Tuesday, February 2, 2016

Clinton claims “victory” in Iowa by not “losing”

Remember in 2007 when we were repeatedly assured by the Clinton lap dogs in the news media that Hillary was the prohibitive “favorite” to win the 2008 Democratic nomination? Polls that supposedly proved this were mostly name recognition surveys. The media may have been in love with the Clintons, but there was no real understanding of what exactly voters really thought about Hillary. Yes, there were the fanatics and disciples who wanted her elected for purely personal political reasons, but most voters—particularly younger voters—were not really all that enamored by the Clintons, seeing them as propelled by the power of self-privilege.  The core Democratic voters in fact wanted someone who they could vote for because they wanted to, rather than simply because they had to. 

In 2015, Hillary Clinton was again anointed as the “inevitable” Democratic nominee for president, despite having one very lame list of “accomplishments” despite holding the offices of U.S. Senator and Secretary of State. The Democratic “establishment” has already made its decision, as demonstrated by the fact that at least half of super delegates have already thrown their support behind Clinton. We have been repeatedly informed that she presents herself as “commanding,” which in actuality is nothing more than a pose that the media chooses to define as such. When Vermont Senator Bernie Sanders presented himself as a challenger, nearly everyone in the mainstream media regarded him as something of a joke, just an old white man with “outdated” ideas, and something of a crazed Sixties radical who never grew up. 
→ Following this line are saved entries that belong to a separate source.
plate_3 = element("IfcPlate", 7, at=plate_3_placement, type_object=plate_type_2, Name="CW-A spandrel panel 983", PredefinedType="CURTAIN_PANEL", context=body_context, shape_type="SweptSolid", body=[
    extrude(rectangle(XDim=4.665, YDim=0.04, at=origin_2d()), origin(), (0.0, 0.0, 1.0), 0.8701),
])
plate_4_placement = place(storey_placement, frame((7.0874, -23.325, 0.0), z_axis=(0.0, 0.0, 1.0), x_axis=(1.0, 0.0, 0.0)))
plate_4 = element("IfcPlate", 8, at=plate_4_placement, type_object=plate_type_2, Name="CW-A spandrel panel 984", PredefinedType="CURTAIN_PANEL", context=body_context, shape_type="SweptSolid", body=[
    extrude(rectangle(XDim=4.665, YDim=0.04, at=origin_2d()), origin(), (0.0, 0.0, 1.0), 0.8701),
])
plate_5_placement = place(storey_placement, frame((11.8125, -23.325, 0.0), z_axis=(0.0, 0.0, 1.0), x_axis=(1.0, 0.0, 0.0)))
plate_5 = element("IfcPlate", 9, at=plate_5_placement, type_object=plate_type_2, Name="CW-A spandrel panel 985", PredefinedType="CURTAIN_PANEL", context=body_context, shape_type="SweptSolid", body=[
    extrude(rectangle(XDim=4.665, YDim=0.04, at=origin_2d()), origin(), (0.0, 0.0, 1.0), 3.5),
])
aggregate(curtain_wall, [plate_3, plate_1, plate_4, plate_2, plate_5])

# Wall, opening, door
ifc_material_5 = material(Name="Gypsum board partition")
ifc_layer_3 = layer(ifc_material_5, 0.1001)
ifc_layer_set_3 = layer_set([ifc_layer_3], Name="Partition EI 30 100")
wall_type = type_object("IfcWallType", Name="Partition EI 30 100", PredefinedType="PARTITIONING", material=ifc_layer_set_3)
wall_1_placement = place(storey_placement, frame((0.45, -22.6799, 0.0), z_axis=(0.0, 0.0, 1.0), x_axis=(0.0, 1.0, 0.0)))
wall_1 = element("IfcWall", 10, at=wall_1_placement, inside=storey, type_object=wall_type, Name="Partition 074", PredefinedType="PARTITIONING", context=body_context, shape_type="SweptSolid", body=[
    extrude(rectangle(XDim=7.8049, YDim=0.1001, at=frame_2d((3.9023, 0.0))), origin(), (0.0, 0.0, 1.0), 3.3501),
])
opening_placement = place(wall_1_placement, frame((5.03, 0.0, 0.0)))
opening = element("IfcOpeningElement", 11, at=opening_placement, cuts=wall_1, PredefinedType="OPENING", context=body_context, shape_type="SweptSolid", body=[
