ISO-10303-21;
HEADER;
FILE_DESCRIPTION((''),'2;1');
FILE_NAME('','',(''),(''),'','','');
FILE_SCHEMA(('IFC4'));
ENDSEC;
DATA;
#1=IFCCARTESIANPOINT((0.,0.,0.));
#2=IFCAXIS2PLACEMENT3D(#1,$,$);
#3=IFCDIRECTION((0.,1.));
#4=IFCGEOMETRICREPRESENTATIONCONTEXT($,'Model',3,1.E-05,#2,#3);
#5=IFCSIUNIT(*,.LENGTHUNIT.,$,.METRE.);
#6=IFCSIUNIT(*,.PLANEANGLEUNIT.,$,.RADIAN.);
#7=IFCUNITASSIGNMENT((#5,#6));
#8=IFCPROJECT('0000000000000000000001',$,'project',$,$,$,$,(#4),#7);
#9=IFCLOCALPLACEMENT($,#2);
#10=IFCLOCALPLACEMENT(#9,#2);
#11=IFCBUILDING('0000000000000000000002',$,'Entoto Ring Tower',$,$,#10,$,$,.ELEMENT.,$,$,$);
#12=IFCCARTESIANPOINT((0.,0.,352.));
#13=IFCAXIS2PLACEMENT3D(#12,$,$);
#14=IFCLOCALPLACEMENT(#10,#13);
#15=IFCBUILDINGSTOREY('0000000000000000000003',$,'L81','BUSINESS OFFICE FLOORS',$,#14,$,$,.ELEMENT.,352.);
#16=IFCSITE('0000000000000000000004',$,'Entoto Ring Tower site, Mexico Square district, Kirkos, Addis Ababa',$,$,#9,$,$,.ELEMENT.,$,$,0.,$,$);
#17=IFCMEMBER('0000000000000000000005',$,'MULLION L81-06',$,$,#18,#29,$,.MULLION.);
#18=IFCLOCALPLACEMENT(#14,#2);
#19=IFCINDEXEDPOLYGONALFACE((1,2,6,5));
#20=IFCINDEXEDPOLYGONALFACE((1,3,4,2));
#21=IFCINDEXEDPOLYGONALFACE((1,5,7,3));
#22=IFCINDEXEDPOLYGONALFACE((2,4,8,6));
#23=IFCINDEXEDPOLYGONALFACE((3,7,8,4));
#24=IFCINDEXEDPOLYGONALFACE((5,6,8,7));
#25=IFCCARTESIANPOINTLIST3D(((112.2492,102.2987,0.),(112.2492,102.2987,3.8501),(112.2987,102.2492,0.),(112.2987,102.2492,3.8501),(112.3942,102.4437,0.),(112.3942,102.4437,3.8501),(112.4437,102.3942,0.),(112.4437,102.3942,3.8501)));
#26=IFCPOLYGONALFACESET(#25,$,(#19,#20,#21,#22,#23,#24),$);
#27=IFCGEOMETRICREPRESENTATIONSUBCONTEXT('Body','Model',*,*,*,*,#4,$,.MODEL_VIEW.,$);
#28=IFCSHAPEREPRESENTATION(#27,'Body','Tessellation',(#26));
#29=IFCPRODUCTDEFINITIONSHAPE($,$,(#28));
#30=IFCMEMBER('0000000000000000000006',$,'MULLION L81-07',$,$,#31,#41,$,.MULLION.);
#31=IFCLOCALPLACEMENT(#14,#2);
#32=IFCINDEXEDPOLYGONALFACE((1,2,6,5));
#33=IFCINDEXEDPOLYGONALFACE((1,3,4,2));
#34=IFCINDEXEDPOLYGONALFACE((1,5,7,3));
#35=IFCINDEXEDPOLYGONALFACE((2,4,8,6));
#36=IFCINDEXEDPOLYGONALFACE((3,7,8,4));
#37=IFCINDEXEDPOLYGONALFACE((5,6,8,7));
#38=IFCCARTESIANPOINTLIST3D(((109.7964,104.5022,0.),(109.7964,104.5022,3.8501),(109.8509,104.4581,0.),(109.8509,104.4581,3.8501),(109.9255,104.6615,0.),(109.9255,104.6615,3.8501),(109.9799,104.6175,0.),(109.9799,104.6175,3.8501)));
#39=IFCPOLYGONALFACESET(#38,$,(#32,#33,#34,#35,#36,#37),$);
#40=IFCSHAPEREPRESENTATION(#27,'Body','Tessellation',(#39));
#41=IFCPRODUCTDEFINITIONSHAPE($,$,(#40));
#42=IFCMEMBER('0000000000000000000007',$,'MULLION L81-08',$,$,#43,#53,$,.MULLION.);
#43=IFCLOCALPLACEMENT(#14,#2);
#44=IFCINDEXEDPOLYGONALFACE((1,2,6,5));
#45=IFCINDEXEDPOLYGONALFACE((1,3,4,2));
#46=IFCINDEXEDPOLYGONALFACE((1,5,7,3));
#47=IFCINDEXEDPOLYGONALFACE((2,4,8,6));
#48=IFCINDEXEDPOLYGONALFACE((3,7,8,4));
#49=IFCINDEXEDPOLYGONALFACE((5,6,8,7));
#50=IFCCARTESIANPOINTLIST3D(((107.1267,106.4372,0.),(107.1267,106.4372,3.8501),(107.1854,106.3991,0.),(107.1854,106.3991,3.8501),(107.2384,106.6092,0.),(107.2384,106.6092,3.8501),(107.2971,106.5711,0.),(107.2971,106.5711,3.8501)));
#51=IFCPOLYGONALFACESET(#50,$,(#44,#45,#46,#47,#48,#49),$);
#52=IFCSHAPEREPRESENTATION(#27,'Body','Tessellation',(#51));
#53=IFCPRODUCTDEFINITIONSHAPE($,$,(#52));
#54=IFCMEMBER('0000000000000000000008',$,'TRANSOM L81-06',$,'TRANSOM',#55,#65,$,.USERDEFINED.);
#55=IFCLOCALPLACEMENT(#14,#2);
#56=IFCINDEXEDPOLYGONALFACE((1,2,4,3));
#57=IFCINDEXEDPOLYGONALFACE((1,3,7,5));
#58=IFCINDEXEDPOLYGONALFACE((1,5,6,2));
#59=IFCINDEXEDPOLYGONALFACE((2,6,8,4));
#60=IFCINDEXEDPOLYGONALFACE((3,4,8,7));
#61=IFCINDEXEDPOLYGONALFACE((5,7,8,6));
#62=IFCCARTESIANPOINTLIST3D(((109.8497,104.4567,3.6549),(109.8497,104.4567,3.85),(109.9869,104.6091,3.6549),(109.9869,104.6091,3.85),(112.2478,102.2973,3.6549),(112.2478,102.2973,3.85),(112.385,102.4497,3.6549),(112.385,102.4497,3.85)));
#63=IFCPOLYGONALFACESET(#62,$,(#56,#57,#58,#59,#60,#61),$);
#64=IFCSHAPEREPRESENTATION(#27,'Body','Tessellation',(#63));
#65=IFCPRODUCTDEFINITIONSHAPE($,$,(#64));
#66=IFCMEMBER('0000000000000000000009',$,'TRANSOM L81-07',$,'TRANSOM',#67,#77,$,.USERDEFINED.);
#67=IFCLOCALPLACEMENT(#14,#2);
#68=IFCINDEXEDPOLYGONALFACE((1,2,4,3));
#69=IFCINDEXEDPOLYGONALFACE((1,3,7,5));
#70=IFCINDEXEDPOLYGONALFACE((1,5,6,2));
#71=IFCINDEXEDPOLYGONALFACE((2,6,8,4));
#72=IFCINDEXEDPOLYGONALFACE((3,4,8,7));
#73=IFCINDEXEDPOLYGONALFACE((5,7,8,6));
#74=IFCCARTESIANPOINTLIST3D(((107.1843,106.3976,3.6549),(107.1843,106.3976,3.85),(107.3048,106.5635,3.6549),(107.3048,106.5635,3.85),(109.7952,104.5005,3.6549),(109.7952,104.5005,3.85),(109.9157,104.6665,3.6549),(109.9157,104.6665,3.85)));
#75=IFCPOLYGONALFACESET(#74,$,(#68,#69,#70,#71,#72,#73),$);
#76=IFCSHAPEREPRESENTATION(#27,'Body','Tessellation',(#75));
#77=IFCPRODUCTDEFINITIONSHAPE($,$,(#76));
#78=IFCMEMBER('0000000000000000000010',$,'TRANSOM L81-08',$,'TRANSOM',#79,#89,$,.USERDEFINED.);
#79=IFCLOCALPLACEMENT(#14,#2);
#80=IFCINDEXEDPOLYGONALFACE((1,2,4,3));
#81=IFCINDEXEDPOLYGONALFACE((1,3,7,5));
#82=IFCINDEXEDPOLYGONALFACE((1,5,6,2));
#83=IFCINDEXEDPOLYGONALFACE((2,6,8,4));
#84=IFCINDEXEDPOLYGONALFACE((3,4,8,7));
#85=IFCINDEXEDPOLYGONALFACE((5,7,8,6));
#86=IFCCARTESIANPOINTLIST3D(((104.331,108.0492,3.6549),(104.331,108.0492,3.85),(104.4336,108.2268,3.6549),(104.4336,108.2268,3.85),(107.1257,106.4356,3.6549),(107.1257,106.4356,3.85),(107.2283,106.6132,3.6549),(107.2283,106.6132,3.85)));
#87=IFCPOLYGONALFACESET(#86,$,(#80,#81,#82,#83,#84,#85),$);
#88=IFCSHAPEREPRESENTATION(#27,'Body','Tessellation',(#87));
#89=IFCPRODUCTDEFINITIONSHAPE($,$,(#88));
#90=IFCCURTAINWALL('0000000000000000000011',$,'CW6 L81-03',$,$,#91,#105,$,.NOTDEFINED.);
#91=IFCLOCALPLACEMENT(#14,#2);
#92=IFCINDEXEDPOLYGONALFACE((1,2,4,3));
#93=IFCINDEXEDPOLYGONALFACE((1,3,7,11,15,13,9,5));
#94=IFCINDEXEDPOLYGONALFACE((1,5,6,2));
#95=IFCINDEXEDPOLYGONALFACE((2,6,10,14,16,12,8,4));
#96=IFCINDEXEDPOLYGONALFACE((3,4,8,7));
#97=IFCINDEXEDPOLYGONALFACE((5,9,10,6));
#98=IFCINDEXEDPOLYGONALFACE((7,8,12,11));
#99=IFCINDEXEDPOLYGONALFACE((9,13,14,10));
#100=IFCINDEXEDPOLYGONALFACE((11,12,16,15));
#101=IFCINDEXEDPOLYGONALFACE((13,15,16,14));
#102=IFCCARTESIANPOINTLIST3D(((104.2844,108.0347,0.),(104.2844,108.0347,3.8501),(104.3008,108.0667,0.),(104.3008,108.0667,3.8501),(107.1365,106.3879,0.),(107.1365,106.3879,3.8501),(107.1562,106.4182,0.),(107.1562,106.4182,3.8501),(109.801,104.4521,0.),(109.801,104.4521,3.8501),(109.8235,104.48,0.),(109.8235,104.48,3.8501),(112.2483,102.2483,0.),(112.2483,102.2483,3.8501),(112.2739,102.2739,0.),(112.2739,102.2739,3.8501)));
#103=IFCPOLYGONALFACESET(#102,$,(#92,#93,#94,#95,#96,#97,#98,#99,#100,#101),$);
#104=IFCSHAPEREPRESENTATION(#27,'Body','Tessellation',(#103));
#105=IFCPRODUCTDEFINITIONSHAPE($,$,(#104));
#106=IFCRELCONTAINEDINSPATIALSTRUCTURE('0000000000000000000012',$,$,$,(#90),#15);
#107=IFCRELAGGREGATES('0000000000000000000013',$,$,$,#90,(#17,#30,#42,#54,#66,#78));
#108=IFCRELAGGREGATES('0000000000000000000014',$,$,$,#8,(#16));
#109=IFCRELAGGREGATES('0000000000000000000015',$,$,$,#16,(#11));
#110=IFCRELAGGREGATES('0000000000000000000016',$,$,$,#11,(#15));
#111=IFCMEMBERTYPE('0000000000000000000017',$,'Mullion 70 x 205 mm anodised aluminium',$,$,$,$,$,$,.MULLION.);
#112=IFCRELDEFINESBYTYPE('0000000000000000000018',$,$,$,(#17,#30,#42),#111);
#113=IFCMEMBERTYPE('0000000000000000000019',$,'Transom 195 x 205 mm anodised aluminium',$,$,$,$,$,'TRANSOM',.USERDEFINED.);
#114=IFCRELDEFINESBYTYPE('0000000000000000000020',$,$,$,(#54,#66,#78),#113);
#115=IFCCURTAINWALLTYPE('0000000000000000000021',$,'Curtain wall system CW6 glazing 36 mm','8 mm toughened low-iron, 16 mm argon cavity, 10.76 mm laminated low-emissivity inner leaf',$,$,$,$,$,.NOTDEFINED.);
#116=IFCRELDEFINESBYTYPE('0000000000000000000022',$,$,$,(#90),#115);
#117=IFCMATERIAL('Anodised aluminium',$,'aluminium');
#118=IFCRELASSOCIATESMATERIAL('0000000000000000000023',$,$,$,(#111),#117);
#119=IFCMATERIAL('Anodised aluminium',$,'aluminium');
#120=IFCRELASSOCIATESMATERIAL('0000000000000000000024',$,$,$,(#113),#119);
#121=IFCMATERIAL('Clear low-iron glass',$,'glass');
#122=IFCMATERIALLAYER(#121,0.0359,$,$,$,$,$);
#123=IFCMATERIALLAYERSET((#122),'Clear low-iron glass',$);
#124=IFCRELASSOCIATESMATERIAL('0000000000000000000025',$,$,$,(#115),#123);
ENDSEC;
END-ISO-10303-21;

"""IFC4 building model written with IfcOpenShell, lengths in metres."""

from ifc_helpers import new_model, si_unit, direction, frame, origin, origin_2d, place, context, subcontext, project, spatial, polyline, rectangle, outline, extrude, material, layer, layer_set, material_profile, profile_set, type_object, element, aggregate, save


model = new_model("IFC4")

# Units and contexts
model_context = context("Model", 3, precision=1e-05, world=origin(), true_north=direction((0.0, 1.0)))
body_context = subcontext(model_context, "Body", "Model", "MODEL_VIEW")
ifc_project = project(units=[si_unit("LENGTHUNIT", "METRE"), si_unit("PLANEANGLEUNIT", "RADIAN")], contexts=[model_context])

# Members
ifc_material_1 = material(Name="Anodised aluminium", Category="aluminium")
ifc_material_profile_1 = material_profile(ifc_material_1, rectangle(XDim=0.0701, YDim=0.2051, at=origin_2d()), Name="Mullion 70 x 205 mm anodised aluminium")
ifc_profile_set_1 = profile_set([ifc_material_profile_1], Name="Anodised aluminium")
member_type_1 = type_object("IfcMemberType", Name="Mullion 70 x 205 mm anodised aluminium", PredefinedType="MULLION", material=ifc_profile_set_1)
site_placement = place(None, origin())
building_placement = place(site_placement, origin())
storey_placement = place(building_placement, frame((0.0, 0.0, 352.0)))
member_1_placement = place(storey_placement, frame((112.3464, 102.3464, 0.0), z_axis=(0.0, 0.0, 1.0), x_axis=(-0.707107, 0.707107, 0.0)))
member_1 = element("IfcMember", 1, at=member_1_placement, type_object=member_type_1, Name="MULLION L81-06", PredefinedType="MULLION", context=body_context, shape_type="SweptSolid", body=[
    extrude(rectangle(XDim=0.0701, YDim=0.2051, at=origin_2d()), origin(), (0.0, 0.0, 1.0), 3.8501),
])
member_2_placement = place(storey_placement, frame((109.8882, 104.5598, 0.0), z_axis=(0.0, 0.0, 1.0), x_axis=(-0.777146, 0.62932, 0.0)))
Yet in 2016, Iowa polls essentially showed that Sanders had pulled even with Clinton, despite every effort by the Democratic establishment and the pro-Clinton media to marginalize Sanders. How could this happen? Could it be that people believe Sanders when he said he was about the “people” rather than the corporate power structure with its political stooges? That he actually stands firm on core Democratic principles? Could it be that once again the media, in failing to do its duty in giving people the truth about the world they live in, is not that power of omnipotence and influence that it claims to be? 

Now that the Iowa caucus is over, Clinton and her media supporters are claiming “victory” after “winning” the caucus vote by a grand total of four. Yes, that’s right, just four measely votes. The UK The Guardian is reporting that Clinton only “won” because of a little known “rule” that in the case of a “tie”—probably determined by a loud, unhappy pro-Hillary minority—in a precinct, the “winner” was literally decided by a coin toss. The newspaper reported that Clinton somehow “won” all six of the precinct votes that were determined by a coin toss. 

While a few polls had predicted that Sanders would win by a narrow margin, The Progressive noted that it was unlikely that Sanders would actually win outright because “each of Iowa's 1,681 precinct caucus sites as a bunch of tiny states in an electoral college setting.  Every four years, each precinct is given a preset number of delegates, but instead of it being based on the total population of the precinct, it's based on how many Democrats voted in recent presidential and gubernatorial elections…Like the rest of the nation, 2014 was a notoriously low-turnout election for Iowa Democrats.  The Democrats who did vote, skewed older, more conservative, and more likely to vote for Hillary.  In addition, there are many precincts that might have a lot of people that voted Democrat, but for whatever reason don't participate in the caucuses…Which means that some districts with a more 'liberal' views who likely would favor Sanders were not motivated to vote in the 2014 mid-terms, and would be under-represented in the equivalent 2016 Iowa caucus precinct, and be more heavily skewed to the more Hillary-friendly caucus attendee.”

For the time being, Clinton and her sycophants can claim “victory” at least for the reason she did not “lose” in the way she did in 2008, when she placed third behind Barack Obama and John Edwards. But exit polls showed that first time caucus voters supported Sanders by a nearly 2-1 margin, and this could mean trouble for Clinton in more reliably “blue” states, unless Sanders begins to lose momentum. In fact, Clinton will likely have to rely on more conservative voters in “red” states that likely will not vote Democratic in the national election.